Gerald’s display was a comprehensive and authoritative one of the postal history of Katanga during the 1960-1963 secession period. The covers shown were genuinely used examples in excellent condition. Many of these are very rare and a number unique.
14th October 2021
Tonight's meeting saw members welcome a visitor from the India Study Circle, Bruce Gillham, who provided a fascinating display entitled "Disastrous Philately".
Bruce began his display by informing members that a lot of disasters have been accurately reflected in philatelic material and in this display, he will cover some 22 different types of disaster using covers, letters, postcards and pictures.

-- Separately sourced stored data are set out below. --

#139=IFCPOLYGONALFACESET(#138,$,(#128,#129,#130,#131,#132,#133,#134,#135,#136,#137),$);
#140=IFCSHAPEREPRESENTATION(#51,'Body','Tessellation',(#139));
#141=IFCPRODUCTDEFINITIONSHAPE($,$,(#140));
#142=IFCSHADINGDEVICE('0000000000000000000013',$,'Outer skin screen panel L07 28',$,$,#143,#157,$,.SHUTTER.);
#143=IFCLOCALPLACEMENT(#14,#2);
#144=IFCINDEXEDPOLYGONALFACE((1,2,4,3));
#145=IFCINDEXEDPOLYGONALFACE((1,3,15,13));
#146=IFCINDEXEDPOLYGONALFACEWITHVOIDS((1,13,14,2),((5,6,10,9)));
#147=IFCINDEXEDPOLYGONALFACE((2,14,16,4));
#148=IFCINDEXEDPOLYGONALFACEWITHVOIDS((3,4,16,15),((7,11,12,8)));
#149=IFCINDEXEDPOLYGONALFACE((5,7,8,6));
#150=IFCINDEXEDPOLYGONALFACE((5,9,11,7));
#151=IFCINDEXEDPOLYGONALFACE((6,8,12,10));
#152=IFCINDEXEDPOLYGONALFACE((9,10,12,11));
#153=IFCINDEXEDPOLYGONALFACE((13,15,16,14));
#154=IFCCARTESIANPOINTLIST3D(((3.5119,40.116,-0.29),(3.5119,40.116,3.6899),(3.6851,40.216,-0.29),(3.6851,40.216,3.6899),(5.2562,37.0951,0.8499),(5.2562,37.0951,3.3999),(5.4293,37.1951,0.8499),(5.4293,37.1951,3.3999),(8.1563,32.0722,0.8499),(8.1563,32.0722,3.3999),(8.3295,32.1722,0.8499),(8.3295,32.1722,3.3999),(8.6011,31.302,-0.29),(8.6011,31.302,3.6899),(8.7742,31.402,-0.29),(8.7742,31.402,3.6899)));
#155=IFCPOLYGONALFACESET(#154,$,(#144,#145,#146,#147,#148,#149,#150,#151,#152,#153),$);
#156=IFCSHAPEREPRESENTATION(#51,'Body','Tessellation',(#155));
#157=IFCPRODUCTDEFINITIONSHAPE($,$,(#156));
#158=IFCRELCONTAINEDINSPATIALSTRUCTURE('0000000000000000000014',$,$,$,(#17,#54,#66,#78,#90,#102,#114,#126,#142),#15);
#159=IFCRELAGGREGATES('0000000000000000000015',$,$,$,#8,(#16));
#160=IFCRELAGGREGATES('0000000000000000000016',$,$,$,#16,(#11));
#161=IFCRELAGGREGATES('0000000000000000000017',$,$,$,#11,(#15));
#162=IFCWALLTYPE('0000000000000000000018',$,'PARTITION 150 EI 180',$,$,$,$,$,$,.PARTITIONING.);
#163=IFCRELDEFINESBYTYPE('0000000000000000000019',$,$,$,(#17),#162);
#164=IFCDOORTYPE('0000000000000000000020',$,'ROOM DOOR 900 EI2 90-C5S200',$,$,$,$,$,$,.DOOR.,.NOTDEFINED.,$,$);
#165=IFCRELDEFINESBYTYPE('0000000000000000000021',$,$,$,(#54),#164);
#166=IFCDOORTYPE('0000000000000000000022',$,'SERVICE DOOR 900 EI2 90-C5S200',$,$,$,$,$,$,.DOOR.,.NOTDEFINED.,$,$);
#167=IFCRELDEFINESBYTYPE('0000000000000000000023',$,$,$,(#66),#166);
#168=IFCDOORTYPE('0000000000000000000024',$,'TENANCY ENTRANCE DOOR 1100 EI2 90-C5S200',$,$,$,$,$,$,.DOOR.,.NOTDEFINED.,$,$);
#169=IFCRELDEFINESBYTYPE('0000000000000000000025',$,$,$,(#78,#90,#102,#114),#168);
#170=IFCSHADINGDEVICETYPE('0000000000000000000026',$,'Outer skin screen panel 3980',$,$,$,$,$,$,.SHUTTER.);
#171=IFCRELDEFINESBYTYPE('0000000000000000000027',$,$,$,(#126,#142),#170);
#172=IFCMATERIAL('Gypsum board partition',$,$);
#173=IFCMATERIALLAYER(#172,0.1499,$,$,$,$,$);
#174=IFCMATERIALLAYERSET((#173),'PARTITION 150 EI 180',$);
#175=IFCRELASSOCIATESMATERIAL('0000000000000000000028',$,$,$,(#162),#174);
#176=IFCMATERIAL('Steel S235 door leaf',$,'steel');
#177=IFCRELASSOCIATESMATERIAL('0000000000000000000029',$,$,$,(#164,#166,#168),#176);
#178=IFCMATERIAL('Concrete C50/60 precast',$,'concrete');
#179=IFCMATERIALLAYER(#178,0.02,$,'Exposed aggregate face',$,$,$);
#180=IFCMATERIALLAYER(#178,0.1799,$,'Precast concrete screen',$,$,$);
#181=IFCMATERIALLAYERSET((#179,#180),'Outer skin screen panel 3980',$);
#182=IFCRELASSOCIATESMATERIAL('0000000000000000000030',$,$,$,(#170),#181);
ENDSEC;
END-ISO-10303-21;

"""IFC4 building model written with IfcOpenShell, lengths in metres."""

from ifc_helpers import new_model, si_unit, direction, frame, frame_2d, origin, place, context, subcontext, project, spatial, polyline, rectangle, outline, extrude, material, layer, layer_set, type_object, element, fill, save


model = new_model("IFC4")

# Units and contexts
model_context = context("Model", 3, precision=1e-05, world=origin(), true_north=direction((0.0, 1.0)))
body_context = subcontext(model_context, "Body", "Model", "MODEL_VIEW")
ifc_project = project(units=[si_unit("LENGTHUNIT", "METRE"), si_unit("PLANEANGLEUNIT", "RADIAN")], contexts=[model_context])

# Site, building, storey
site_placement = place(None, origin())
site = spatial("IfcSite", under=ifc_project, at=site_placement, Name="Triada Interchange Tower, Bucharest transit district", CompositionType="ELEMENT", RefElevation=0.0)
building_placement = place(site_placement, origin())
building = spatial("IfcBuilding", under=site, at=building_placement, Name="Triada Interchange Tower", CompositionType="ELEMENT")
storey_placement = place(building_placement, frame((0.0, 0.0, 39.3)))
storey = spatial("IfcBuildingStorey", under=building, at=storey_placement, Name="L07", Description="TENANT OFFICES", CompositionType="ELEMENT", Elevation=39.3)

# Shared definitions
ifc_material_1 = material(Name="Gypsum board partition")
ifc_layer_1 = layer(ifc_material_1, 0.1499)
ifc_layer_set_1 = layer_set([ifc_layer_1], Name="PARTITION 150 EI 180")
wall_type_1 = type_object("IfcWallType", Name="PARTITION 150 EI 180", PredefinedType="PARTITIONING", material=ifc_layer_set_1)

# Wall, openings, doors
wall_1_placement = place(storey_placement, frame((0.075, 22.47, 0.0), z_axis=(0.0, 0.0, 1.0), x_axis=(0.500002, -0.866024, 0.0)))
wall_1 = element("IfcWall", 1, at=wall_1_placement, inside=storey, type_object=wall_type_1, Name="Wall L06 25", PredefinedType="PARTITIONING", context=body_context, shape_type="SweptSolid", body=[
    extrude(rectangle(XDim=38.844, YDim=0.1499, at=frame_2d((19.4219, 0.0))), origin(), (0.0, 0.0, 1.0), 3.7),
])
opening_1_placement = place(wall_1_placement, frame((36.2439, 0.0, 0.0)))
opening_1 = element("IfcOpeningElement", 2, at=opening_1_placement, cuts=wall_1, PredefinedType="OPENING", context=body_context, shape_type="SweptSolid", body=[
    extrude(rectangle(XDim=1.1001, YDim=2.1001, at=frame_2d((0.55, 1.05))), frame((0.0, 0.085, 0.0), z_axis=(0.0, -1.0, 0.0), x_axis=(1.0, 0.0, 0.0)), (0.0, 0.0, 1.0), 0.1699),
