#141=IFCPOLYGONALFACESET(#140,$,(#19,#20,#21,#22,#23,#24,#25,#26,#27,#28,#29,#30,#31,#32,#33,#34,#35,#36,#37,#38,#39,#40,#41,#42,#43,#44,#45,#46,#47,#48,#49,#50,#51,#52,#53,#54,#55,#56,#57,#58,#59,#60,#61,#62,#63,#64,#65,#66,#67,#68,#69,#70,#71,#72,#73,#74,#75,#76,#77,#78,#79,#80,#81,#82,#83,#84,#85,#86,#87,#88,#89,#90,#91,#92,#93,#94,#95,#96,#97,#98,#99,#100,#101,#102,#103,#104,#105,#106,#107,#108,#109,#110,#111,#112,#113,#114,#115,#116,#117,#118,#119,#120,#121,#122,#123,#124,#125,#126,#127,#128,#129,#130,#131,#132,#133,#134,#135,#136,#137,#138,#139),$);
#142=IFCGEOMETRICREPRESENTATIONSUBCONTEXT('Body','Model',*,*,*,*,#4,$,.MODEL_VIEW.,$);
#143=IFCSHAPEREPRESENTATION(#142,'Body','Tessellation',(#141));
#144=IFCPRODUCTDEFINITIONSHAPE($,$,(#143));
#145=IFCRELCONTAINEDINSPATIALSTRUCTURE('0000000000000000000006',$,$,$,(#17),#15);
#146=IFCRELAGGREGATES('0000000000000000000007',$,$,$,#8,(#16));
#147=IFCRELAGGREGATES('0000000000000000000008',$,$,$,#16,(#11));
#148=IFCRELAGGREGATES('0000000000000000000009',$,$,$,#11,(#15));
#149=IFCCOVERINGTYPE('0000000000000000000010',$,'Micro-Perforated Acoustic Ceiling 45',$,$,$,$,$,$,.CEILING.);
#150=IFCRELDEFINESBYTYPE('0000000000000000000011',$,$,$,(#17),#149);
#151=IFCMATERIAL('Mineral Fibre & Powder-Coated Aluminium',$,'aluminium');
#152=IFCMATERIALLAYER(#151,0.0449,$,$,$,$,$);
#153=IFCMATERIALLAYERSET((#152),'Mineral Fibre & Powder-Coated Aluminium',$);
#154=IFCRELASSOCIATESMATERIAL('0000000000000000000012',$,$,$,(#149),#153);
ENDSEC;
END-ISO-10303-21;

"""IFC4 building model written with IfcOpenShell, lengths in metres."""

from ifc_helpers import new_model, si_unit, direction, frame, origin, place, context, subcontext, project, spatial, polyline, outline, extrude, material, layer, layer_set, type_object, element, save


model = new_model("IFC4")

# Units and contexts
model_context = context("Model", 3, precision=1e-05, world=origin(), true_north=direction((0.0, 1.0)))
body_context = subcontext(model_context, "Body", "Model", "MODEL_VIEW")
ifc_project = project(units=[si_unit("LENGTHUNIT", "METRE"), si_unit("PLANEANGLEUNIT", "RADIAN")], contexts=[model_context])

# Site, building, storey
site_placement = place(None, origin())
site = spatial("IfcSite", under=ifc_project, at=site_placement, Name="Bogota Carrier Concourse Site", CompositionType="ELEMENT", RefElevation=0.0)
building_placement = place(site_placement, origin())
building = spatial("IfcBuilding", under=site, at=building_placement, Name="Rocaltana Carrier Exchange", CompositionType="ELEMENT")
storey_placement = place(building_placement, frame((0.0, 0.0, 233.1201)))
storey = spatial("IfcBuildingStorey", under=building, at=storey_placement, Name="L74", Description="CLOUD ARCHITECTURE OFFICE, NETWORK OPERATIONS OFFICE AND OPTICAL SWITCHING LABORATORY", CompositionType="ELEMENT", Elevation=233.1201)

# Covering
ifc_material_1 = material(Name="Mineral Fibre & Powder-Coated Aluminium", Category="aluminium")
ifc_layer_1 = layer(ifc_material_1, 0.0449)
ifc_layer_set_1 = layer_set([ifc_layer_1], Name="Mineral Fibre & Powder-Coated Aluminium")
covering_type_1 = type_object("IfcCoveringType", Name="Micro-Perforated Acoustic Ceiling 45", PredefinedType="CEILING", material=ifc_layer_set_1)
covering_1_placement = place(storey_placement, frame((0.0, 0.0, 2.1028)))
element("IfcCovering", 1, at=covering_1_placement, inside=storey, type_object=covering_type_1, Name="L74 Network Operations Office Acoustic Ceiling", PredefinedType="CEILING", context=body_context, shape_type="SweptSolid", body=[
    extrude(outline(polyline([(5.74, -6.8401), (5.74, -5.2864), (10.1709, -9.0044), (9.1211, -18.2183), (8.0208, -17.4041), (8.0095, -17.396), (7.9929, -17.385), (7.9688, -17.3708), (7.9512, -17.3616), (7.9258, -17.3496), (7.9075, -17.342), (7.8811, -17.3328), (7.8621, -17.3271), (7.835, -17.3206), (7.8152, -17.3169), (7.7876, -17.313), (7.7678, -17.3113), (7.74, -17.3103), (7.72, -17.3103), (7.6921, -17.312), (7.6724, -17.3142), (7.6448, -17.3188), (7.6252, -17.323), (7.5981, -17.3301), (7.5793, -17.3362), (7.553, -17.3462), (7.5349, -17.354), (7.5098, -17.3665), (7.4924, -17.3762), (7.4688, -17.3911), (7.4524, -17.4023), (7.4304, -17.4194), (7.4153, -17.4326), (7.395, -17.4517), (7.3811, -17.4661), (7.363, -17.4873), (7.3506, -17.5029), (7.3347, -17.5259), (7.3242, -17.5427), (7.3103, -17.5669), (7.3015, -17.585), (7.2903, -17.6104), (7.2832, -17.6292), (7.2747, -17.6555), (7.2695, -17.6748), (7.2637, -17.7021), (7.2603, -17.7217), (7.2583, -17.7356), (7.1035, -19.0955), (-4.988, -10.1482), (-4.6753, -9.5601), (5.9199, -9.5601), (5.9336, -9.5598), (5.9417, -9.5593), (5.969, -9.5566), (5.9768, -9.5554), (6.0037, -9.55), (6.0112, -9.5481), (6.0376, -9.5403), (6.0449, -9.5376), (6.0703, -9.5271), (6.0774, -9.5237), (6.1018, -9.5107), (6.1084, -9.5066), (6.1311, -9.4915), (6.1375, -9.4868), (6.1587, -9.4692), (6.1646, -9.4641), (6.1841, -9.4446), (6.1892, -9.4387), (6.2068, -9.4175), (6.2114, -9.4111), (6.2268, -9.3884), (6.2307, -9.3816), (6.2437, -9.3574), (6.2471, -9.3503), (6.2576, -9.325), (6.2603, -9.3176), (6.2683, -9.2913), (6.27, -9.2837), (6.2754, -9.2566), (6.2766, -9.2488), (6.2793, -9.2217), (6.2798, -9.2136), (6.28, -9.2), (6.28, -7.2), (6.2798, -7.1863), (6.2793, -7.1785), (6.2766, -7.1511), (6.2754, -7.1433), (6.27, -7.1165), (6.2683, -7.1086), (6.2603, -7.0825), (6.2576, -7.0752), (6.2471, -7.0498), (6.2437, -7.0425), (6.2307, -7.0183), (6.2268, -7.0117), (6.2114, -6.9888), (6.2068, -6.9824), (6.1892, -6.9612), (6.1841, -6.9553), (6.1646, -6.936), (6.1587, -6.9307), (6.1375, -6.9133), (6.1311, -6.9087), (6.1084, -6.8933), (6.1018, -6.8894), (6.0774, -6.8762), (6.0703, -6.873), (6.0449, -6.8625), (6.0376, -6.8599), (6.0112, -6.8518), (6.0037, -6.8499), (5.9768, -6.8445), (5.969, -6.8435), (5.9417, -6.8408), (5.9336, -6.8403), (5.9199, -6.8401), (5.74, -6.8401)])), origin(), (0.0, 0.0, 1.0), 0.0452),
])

The first subject Bruce covered was the Boer War and within this he showed a 1901 letter from a Private Young addressed to c/o Rev. Wood in Sanquahar. The letter was sent with no stamp attached as the regiment was currently fighting the Boers. Sadly, on arrival in Britain it was stamped "Taxed 1 Penny to Pay". This was followed by a section on "Treason" and here a letter of 1781 was shown sent for a merchant asking to meet up with 2 Dutch Merchants. We were currently at war with the Dutch. A "Treasonable" offence. Bruce then went on to describe the efforts made to get mail in and out of Paris during the Siege of Paris in 1870 and here he produced a letter which was sent using Boule Mail. A number of attempts were made using Boule's which contained a large number of letters and were sent along the Seine but none ever reached Paris. Indeed, some are still unaccounted for.
Covers then sent to imperial orphans in the 1800's, the subject of rampant inflation and a disastrous trip to Everest in 1924 where Irving & Mallory perished were then shown and the first section finished with a display of early Russian Notes from 1910.
In the second half of the display Bruce began with a number of letters, postcards covering subjects such as Rocket Mail, experimental flights and why some letters could not be delivered for reasons such as "Bad Handwriting", "Badly Addressed", Not Wanted", "Breaching rules during war". These were followed by a fascinating insight into the forgery of the 1/- Green stamp of 1870. This happened in the Stock Exchange and was only discovered some 35 years later. The forged stamps were used on telegraphs sent from the stock exchange.
Bruce finished off the evening with a selection of cards, covers covering major earthquakes such as the ones in Kangra in the Himalayas and Quetta in India as well as the earthquake in San Francisco, and then Aeroplane Crashes and some Shipwreck Disasters.
23rd September 2021
At our first meeting of the society for the current year, indeed our first in-person meeting for some 18 months or so, President Harry Jackson provided everyone with a fascinating display of 'Germany from States to the Weimar Republic'.
Harry began the display by showing stamps from mainland Germany (No Colonies) which were issued from Postal Authorities. Some of these stamps are the earliest stamps produced by Germand States. At that time there was no overarching authority and each state operated independently. Issues started slowly with Bavaria being first and things then quickly picked up as each of the other states issued there own stamps. By the 1860's all the states had pulled together after the Franco-Prussian War and this became the German Empire which ran from 1870 till 1920 after WWI and the Treaty of Versailles.
The second half of Harry's display covered the period from the Weimar Republic up to the Start of WW2 showing the stamps and postal history issued in Germany during the Weimar Republic. Harry emplained the terrible consequences the Treaty of Versailles had on Germany when it was carved up around its borders and how rampant inflation caused prices to skyrocket. Harry finished off his presentation with the stamps and postal history leading up to the creation of the Third Reich.